Rechtbank Zeeland-West-Brabant

Datum uitspraak
12 januari 2022
Publicatiedatum
14 juni 2023
Zaaknummer
9013816 / CV EXPL 21-387 (E)
Instantie
Rechtbank Zeeland-West-Brabant
Type
Uitspraak
Procedures
  • Bodemzaak
Rechters
  • Kool
Vindplaatsen
  • Rechtspraak.nl
AI samenvatting door LexboostAutomatisch gegenereerd

Vordering tot schadevergoeding en ontbinding van koopovereenkomst wegens gebreken in woning

In deze zaak vorderen eisers, [eiser01] c.s., schadevergoeding van gedaagde, [gedaagde01], wegens gebreken in de woning die zij op 15 juni 2020 van hem hebben gekocht. De koopovereenkomst, gesloten op 9 maart 2020, bevatte bepalingen over de staat van de onroerende zaak en aansprakelijkheid voor gebreken. Eisers stellen dat de woning niet geschikt is voor normaal gebruik door optrekkend vocht, een lekkend raam en een niet-functionerende riolering. Gedaagde heeft de aansprakelijkheid afgewezen en betwist dat de gebreken aan hem te wijten zijn.
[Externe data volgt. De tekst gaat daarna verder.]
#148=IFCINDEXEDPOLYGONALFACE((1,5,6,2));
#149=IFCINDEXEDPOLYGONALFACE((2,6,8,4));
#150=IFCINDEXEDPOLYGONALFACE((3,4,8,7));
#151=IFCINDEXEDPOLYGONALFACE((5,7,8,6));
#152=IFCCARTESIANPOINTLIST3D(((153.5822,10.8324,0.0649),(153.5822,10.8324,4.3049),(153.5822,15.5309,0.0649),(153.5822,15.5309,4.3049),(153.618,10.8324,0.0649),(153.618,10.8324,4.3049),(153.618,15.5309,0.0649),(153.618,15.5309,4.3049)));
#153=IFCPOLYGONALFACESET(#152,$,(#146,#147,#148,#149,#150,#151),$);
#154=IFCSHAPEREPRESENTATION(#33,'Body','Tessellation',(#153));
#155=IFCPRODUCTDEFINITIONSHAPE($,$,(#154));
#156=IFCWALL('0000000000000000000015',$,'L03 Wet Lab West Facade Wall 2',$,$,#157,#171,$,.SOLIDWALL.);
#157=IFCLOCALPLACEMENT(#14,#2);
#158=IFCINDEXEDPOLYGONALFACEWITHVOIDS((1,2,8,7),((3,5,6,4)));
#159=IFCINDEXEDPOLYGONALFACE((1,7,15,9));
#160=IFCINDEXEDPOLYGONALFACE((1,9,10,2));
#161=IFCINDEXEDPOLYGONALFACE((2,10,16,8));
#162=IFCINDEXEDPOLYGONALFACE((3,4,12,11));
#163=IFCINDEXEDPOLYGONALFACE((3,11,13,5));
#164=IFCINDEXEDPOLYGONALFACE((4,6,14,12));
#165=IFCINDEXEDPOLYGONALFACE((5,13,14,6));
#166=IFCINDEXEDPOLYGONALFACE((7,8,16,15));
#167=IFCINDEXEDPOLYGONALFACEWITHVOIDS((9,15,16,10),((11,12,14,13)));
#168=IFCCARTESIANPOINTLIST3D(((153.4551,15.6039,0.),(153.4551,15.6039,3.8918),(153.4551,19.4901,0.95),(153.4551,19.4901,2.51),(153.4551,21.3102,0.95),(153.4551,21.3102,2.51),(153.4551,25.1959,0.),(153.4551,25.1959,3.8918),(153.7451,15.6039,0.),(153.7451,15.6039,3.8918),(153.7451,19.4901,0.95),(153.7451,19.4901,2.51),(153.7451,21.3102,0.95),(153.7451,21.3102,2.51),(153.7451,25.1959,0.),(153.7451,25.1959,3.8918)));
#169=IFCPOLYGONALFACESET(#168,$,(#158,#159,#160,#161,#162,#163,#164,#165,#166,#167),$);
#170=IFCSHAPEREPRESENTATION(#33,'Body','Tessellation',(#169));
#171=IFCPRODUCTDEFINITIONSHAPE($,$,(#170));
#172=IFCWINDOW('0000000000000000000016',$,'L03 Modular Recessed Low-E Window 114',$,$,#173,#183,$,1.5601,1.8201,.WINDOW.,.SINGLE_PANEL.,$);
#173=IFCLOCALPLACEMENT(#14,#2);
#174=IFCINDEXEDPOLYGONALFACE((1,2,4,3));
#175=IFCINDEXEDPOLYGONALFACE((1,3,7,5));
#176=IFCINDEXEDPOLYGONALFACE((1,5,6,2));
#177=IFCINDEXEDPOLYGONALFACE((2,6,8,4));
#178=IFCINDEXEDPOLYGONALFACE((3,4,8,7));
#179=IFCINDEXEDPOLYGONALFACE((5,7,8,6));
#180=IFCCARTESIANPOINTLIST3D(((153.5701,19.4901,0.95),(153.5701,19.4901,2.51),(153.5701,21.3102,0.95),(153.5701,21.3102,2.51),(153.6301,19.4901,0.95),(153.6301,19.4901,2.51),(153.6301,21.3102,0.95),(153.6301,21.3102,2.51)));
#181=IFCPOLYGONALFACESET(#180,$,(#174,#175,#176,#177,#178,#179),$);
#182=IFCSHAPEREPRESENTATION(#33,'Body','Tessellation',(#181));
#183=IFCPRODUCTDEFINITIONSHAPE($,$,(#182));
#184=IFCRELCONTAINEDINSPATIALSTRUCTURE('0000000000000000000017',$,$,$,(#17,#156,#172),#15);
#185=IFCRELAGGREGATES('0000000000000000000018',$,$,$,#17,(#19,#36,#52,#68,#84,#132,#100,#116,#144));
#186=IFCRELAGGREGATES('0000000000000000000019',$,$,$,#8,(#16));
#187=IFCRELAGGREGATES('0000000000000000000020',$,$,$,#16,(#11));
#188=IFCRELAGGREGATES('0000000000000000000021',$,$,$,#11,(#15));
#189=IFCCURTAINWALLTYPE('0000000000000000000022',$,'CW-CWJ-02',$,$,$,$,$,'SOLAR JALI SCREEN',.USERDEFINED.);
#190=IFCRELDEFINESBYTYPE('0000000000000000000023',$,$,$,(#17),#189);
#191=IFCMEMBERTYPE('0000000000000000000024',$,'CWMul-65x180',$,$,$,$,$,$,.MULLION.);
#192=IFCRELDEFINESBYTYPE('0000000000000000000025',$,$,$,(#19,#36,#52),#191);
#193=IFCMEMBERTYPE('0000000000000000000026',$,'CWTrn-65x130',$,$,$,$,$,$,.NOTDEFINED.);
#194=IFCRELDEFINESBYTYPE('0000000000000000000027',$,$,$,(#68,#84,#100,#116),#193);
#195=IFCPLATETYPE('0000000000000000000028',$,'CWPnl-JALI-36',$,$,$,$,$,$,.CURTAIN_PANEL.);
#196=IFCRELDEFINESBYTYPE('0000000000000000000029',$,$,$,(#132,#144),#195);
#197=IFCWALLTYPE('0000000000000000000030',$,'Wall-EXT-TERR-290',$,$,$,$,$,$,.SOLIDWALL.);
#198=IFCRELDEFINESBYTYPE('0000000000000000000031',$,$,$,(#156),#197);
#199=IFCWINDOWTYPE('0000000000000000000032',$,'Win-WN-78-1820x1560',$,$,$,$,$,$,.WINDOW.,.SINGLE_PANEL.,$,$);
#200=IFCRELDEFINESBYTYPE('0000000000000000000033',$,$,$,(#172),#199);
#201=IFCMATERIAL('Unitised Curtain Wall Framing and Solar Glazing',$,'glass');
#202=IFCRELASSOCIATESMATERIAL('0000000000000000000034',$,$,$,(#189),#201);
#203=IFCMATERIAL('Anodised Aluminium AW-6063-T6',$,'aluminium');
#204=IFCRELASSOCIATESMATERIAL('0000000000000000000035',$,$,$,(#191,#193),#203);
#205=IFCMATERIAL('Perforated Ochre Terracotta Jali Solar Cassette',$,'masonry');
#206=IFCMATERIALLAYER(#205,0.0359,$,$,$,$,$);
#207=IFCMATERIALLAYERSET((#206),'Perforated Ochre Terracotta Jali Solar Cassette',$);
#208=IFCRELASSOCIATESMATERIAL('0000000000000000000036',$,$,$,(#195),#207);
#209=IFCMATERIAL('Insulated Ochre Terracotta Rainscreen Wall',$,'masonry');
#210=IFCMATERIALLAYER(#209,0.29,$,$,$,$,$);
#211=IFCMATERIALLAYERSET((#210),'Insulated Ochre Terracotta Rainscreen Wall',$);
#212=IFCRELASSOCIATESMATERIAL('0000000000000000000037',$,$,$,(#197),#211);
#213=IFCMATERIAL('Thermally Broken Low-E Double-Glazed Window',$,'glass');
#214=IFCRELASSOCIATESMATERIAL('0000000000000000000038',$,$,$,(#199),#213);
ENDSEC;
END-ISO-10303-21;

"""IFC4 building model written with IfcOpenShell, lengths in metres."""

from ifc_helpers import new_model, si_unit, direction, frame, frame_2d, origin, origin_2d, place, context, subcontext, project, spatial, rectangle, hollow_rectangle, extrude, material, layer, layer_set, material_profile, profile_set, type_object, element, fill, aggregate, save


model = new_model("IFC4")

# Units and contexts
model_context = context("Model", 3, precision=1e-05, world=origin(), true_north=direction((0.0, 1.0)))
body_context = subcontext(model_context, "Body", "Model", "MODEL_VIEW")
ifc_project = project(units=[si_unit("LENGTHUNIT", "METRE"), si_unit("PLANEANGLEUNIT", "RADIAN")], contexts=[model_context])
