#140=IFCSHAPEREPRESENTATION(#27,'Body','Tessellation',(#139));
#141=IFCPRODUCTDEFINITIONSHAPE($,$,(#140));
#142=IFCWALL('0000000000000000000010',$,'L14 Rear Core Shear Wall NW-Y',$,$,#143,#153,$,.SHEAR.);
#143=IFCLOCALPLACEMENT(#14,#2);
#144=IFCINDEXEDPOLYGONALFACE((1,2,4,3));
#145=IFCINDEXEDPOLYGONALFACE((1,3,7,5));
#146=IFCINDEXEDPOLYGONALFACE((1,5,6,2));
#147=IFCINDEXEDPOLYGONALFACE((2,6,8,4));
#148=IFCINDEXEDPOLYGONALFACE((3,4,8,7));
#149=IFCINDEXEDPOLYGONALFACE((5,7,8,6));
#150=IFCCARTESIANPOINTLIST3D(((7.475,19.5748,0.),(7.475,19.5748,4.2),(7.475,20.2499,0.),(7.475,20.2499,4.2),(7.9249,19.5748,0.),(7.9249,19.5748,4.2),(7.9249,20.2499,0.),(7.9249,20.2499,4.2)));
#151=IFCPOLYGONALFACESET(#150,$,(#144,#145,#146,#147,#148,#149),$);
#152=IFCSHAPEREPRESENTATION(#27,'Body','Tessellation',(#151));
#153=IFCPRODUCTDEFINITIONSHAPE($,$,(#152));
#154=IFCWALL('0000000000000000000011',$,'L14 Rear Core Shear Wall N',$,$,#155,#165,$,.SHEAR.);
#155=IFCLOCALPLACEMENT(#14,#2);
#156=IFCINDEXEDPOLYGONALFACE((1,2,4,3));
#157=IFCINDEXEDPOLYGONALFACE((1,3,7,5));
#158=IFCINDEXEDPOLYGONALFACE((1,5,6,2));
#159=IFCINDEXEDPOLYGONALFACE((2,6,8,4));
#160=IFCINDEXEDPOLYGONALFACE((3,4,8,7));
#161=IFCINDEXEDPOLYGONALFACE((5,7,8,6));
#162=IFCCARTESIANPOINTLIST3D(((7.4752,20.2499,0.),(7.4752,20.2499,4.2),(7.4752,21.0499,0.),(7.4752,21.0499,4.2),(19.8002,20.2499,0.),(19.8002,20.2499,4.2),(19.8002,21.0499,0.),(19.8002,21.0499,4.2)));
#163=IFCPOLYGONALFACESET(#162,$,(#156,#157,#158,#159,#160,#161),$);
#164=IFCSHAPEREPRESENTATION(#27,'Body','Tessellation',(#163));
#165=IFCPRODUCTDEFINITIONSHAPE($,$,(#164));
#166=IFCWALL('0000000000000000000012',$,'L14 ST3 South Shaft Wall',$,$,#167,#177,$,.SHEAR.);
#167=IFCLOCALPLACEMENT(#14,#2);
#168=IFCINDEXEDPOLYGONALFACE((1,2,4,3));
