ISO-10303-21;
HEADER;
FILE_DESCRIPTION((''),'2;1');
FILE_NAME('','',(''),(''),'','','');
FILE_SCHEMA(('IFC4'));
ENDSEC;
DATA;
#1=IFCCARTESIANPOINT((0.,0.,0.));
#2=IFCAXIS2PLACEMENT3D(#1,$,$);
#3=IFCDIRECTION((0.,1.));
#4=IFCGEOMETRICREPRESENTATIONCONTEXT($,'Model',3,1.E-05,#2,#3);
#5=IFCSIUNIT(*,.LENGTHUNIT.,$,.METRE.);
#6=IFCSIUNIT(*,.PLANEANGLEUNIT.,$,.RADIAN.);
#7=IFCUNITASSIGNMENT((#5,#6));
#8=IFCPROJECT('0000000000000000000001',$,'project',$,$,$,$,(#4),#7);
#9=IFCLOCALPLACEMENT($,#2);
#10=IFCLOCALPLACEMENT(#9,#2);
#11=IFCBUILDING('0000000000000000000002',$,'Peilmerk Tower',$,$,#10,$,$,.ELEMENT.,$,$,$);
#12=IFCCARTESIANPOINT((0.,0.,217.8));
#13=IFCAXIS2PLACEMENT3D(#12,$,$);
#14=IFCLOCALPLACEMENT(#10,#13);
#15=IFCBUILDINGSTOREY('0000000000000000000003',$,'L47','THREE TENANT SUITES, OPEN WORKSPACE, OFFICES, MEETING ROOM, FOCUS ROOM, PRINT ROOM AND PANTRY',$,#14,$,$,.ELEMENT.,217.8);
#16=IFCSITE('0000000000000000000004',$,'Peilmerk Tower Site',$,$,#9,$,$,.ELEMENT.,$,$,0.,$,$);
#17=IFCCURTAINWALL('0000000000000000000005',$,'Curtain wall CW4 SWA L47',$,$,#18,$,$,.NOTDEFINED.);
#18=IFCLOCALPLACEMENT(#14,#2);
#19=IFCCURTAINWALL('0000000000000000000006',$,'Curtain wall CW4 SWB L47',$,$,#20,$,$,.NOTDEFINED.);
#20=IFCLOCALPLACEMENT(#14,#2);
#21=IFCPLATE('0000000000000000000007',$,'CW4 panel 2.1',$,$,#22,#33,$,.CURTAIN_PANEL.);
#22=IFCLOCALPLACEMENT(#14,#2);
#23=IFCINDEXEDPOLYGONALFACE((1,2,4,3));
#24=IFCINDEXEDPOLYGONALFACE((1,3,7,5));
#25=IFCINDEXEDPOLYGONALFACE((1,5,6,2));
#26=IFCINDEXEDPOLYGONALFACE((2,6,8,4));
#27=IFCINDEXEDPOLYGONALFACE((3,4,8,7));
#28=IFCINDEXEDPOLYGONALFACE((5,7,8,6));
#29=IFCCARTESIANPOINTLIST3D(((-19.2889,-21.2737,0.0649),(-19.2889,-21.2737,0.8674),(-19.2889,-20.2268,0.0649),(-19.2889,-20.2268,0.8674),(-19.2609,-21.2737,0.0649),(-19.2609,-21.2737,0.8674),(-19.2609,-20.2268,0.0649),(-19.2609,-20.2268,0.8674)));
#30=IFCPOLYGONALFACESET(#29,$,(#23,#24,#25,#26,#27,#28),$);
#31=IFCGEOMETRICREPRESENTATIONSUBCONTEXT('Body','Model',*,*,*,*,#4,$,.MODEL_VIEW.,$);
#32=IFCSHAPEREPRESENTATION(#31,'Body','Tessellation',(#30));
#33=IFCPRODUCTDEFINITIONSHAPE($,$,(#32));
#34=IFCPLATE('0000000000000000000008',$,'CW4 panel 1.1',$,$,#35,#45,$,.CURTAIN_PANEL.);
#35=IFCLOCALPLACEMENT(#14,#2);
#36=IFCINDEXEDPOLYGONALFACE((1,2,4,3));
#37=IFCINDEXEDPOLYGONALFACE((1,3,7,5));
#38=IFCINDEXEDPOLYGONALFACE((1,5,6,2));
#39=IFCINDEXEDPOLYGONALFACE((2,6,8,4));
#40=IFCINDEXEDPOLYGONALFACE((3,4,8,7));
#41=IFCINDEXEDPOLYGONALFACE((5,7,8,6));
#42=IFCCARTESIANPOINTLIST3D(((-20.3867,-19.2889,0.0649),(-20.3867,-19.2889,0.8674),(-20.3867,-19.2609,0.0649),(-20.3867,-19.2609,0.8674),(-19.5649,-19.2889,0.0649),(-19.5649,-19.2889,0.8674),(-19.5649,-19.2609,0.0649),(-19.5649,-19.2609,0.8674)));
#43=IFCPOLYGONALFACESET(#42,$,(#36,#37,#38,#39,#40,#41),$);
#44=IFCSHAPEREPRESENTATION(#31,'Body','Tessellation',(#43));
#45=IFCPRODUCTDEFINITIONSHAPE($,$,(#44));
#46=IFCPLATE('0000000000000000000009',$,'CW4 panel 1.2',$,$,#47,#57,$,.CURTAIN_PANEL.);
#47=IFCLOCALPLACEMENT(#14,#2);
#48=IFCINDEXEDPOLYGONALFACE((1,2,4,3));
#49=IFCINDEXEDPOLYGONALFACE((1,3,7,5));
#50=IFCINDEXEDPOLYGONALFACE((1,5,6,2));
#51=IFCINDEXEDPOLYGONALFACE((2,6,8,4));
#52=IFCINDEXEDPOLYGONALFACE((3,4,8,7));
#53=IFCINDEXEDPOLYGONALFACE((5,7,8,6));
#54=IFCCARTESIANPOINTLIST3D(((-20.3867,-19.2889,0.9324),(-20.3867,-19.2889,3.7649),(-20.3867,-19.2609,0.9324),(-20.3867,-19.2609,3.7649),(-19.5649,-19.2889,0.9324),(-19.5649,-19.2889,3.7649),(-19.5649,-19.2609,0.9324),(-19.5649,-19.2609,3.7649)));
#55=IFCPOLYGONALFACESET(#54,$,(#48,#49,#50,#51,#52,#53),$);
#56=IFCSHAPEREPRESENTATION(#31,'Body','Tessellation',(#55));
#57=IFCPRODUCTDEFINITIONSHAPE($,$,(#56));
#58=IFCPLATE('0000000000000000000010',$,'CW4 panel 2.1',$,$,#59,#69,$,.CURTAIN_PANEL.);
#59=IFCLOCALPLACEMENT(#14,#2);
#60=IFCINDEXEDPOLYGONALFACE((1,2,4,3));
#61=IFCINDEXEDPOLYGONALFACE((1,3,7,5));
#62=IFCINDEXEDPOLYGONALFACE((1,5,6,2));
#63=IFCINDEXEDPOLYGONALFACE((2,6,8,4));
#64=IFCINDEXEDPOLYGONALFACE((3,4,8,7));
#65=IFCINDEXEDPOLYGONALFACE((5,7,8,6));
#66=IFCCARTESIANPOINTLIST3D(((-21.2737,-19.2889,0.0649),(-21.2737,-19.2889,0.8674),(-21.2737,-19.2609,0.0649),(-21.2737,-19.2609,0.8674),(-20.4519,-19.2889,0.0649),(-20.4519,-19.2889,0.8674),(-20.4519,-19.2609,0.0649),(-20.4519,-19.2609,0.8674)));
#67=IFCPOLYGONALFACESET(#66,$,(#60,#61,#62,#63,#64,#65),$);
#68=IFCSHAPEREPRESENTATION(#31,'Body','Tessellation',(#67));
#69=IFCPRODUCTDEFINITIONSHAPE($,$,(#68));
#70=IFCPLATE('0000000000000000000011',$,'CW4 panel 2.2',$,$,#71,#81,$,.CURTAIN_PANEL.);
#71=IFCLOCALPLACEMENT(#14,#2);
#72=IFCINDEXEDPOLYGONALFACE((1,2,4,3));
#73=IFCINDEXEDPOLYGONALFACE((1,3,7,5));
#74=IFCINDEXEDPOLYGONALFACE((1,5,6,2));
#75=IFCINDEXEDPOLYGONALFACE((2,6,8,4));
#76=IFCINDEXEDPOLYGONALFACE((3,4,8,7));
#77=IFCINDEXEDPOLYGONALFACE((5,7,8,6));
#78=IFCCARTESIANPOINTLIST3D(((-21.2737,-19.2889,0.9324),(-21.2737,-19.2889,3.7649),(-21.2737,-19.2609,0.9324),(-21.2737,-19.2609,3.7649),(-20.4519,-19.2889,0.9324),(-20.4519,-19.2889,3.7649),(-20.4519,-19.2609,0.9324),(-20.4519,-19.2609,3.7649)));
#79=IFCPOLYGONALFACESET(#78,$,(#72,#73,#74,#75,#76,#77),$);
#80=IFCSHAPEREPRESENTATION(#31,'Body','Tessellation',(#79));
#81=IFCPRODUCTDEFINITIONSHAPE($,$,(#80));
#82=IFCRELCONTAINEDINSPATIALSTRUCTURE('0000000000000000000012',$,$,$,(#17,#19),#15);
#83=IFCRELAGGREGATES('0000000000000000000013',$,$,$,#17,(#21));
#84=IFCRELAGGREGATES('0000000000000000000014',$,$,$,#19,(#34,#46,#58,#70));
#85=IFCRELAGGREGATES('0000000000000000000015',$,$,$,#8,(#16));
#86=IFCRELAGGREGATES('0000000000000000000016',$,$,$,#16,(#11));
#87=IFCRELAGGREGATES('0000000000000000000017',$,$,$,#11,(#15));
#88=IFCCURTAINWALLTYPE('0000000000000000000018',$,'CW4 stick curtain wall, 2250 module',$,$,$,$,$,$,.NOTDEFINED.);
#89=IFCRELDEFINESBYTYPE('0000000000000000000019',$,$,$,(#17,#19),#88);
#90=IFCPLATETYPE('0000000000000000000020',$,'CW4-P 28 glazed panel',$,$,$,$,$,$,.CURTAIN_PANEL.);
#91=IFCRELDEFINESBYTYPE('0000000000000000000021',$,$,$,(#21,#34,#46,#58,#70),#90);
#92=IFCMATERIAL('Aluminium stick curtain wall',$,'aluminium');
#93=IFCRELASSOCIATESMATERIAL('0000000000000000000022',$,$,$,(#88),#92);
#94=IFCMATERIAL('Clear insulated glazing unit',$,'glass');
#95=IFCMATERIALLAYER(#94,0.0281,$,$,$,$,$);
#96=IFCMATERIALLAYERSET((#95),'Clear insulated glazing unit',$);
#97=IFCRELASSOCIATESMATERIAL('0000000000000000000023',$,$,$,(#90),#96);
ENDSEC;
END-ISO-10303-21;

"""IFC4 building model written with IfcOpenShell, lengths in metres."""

from ifc_helpers import new_model, si_unit, direction, frame, origin, origin_2d, place, context, subcontext, project, spatial, rectangle, extrude, material, layer, layer_set, type_object, element, aggregate, save


model = new_model("IFC4")

# Units and contexts
model_context = context("Model", 3, precision=1e-05, world=origin(), true_north=direction((0.0, 1.0)))
body_context = subcontext(model_context, "Body", "Model", "MODEL_VIEW")
ifc_project = project(units=[si_unit("LENGTHUNIT", "METRE"), si_unit("PLANEANGLEUNIT", "RADIAN")], contexts=[model_context])

# Site, building, storey
site_placement = place(None, origin())
site = spatial("IfcSite", under=ifc_project, at=site_placement, Name="Peilmerk Tower Site", CompositionType="ELEMENT", RefElevation=0.0)
building_placement = place(site_placement, origin())
building = spatial("IfcBuilding", under=site, at=building_placement, Name="Peilmerk Tower", CompositionType="ELEMENT")
storey_placement = place(building_placement, frame((0.0, 0.0, 217.8)))
storey = spatial("IfcBuildingStorey", under=building, at=storey_placement, Name="L47", Description="THREE TENANT SUITES, OPEN WORKSPACE, OFFICES, MEETING ROOM, FOCUS ROOM, PRINT ROOM AND PANTRY", CompositionType="ELEMENT", Elevation=217.8)

# Curtain wall
ifc_material_1 = material(Name="Aluminium stick curtain wall", Category="aluminium")
curtain_wall_type = type_object("IfcCurtainWallType", Name="CW4 stick curtain wall, 2250 module", PredefinedType="NOTDEFINED", material=ifc_material_1)
curtain_wall_1_placement = place(storey_placement, origin())
curtain_wall_1 = element("IfcCurtainWall", 1, at=curtain_wall_1_placement, inside=storey, type_object=curtain_wall_type, Name="Curtain wall CW4 SWA L47", PredefinedType="NOTDEFINED")

# Curtain wall
curtain_wall_2_placement = place(storey_placement, origin())
curtain_wall_2 = element("IfcCurtainWall", 2, at=curtain_wall_2_placement, inside=storey, type_object=curtain_wall_type, Name="Curtain wall CW4 SWB L47", PredefinedType="NOTDEFINED")

# Plates
ifc_material_2 = material(Name="Clear insulated glazing unit", Category="glass")
ifc_layer_1 = layer(ifc_material_2, 0.0281)
ifc_layer_set_1 = layer_set([ifc_layer_1], Name="Clear insulated glazing unit")
plate_type = type_object("IfcPlateType", Name="CW4-P 28 glazed panel", PredefinedType="CURTAIN_PANEL", material=ifc_layer_set_1)
plate_1_placement = place(storey_placement, frame((-19.2749, -20.7502, 0.0649), z_axis=(0.0, 0.0, 1.0), x_axis=(0.0, -1.0, 0.0)))
plate_1 = element("IfcPlate", 3, at=plate_1_placement, type_object=plate_type, Name="CW4 panel 2.1", PredefinedType="CURTAIN_PANEL", context=body_context, shape_type="SweptSolid", body=[
    extrude(rectangle(XDim=1.0469, YDim=0.0281, at=origin_2d()), origin(), (0.0, 0.0, 1.0), 0.8025),
])
aggregate(curtain_wall_1, [plate_1])
plate_2_placement = place(storey_placement, frame((-19.9758, -19.2749, 0.0649), z_axis=(0.0, 0.0, 1.0), x_axis=(-1.0, 0.0, 0.0)))
plate_2 = element("IfcPlate", 4, at=plate_2_placement, type_object=plate_type, Name="CW4 panel 1.1", PredefinedType="CURTAIN_PANEL", context=body_context, shape_type="SweptSolid", body=[
    extrude(rectangle(XDim=0.8218, YDim=0.0281, at=origin_2d()), origin(), (0.0, 0.0, 1.0), 0.8025),
])
plate_3_placement = place(storey_placement, frame((-19.9758, -19.2749, 0.9324), z_axis=(0.0, 0.0, 1.0), x_axis=(-1.0, 0.0, 0.0)))
plate_3 = element("IfcPlate", 5, at=plate_3_placement, type_object=plate_type, Name="CW4 panel 1.2", PredefinedType="CURTAIN_PANEL", context=body_context, shape_type="SweptSolid", body=[
    extrude(rectangle(XDim=0.8218, YDim=0.0281, at=origin_2d()), origin(), (0.0, 0.0, 1.0), 2.8325),
])
plate_4_placement = place(storey_placement, frame((-20.8628, -19.2749, 0.0649), z_axis=(0.0, 0.0, 1.0), x_axis=(-1.0, 0.0, 0.0)))
plate_4 = element("IfcPlate", 6, at=plate_4_placement, type_object=plate_type, Name="CW4 panel 2.1", PredefinedType="CURTAIN_PANEL", context=body_context, shape_type="SweptSolid", body=[
    extrude(rectangle(XDim=0.8218, YDim=0.0281, at=origin_2d()), origin(), (0.0, 0.0, 1.0), 0.8025),
])
plate_5_placement = place(storey_placement, frame((-20.8628, -19.2749, 0.9324), z_axis=(0.0, 0.0, 1.0), x_axis=(-1.0, 0.0, 0.0)))
plate_5 = element("IfcPlate", 7, at=plate_5_placement, type_object=plate_type, Name="CW4 panel 2.2", PredefinedType="CURTAIN_PANEL", context=body_context, shape_type="SweptSolid", body=[
    extrude(rectangle(XDim=0.8218, YDim=0.0281, at=origin_2d()), origin(), (0.0, 0.0, 1.0), 2.8325),
])
aggregate(curtain_wall_2, [plate_2, plate_3, plate_4, plate_5])

save(model, "model.ifc")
De rechtbank heeft de vorderingen van eisers beoordeeld aan de hand van de koopovereenkomst en relevante wetgeving, waaronder artikel 7:17 BW. De rechtbank oordeelt dat de woning niet voldoet aan de verwachtingen die eisers mochten hebben op basis van de overeenkomst, met name wat betreft het optrekkend vocht. De rechtbank heeft vastgesteld dat gedaagde aansprakelijk is voor de herstelkosten van € 5.445,00, maar heeft de overige vorderingen van eisers afgewezen. De proceskosten zijn gecompenseerd, zodat iedere partij zijn eigen kosten draagt. Het vonnis is uitgesproken op 12 januari 2022.

Uitspraak

RECHTBANK ZEELAND-WEST-BRABANT

Cluster I Civiele kantonzaken
Middelburg
zaak/rolnr.: 9013816 CV EXPL 21-387
vonnis d.d. 12 januari 2022
inzake

1.[eiser sub01] ,

2.
[eiser sub02],
beiden wonende te [woonplaats01] , gemeente Goes,
eisers,
verder gezamenlijk te noemen in mannelijk enkelvoud: [eiser01] c.s.,
gemachtigde: mr. drs. W.F. Jekel, werkzaam bij Stichting Achmea Rechtsbijstand,
tegen
[gedaagde01],
wonende te [woonplaats02] ,
gedaagde,
verder te noemen: [gedaagde01] ,
procederend in persoon.

1.Het verloop van het geding

1.1.
De procesgang blijkt uit de volgende stukken:
het tussenvonnis van 24 maart 2021 met de daarin genoemde stukken;
de aantekeningen van de griffier van de mondelinge behandeling gehouden op 30 juni 2021.
1.2.
Ten slotte is vonnis bepaald.

2.De feiten

2.1.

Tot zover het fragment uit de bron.